Story is still developing but a car ran down 2 members of the Canadian Armed Forces near our recruit school.  Car was pursued by police in high speed chase, vehicle rolled over and shots fired by police.  Both members are in hospital injured, 1 seriously.

http://www.ctvnews.ca/canada/2-cana...ec-hit-and-run-police-shoot-suspect-1.2062419


----------



## DA SWO (Oct 20, 2014)

RackMaster said:


> Story is still developing but a car ran down 2 members of the Canadian Armed Forces near our recruit school.  Car was pursued by police in high speed chase, vehicle rolled over and shots fired by police.  Both members are in hospital injured, 1 seriously.
> 
> http://www.ctvnews.ca/canada/2-cana...ec-hit-and-run-police-shoot-suspect-1.2062419


We need to call stuff terrorism and let the defense team convince a Judge otherwise.
We downplay too many incidents to appease the Islamic Lobby and Liberal Sensibilities.


----------



## RackMaster (Oct 20, 2014)

I agree.  It was brought up in Parliament today, asking the Prime Minister to confirm if it was a Terrorist attack but he didn't use the same terminology. 

He went at the cops with a knife, I'm assuming ranting about a snackbar.


----------



## RackMaster (Oct 20, 2014)

Fuckstick died in hospital.  Good job LEO's putting the lead on target!


----------



## RackMaster (Oct 20, 2014)

Not officially calling it terror but the PM's office said he was 'radicalized' and Canadians should remain vigilant.




> Prime Minister Stephen Harper's office also issued a written statement suggesting Canadians should be vigilant.
> 
> "Federal authorities have confirmed that there are indications that this is clearly an individual who has been radicalized.
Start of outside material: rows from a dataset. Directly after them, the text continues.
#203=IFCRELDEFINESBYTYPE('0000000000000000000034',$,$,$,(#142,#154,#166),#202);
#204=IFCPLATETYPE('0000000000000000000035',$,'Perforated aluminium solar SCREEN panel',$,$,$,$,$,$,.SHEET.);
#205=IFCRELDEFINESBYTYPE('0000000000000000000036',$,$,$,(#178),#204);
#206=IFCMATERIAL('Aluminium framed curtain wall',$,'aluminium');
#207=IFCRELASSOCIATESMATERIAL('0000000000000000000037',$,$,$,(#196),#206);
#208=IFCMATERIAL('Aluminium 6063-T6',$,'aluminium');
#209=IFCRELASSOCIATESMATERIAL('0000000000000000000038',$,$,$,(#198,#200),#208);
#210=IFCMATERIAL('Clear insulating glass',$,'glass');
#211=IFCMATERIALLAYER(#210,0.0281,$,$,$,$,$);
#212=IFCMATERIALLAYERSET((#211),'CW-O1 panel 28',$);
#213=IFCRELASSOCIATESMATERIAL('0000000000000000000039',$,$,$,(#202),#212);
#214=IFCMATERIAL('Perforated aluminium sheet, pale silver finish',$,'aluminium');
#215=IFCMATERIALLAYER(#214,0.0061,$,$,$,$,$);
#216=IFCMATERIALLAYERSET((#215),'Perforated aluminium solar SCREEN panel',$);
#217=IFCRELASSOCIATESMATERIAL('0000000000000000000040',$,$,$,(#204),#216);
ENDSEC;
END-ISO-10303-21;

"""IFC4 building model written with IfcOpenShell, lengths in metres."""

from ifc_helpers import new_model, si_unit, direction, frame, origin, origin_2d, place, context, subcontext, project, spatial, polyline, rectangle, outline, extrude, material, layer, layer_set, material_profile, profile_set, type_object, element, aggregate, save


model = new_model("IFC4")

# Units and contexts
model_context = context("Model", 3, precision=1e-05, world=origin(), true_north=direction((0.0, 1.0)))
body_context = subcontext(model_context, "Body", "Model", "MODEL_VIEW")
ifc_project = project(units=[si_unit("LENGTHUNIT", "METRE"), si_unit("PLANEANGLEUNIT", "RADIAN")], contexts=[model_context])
As security agencies of Canada reported ... Canadians should remain vigilant."
> http://www.cbc.ca/m/news/canada/mon...ver-shot-by-police-radicalized-rcmp-1.2806104


----------



## DA SWO (Oct 20, 2014)

RackMaster said:


> Fuckstick died in hospital.  Good job LEO's putting the lead on target!


Wanted to like/agree.  But went with like instead.

Name of loser?


----------



## RackMaster (Oct 20, 2014)

Here's the losers name, I'm glad they didn't find his animal sex club name.



> Martin Rouleau, 25, was a resident of Saint-Jean-sur-Richelieu and was known to provincial and federal police.


----------



## pardus (Oct 20, 2014)

RackMaster said:


> Here's the losers name, I'm glad they didn't find his animal sex club name.



Frog terrorist?


----------



## Ooh-Rah (Oct 21, 2014)

Based on this, it would seem folks are acknowledging that they were terrorists- although they use the safer "radicalized" then "terrorist "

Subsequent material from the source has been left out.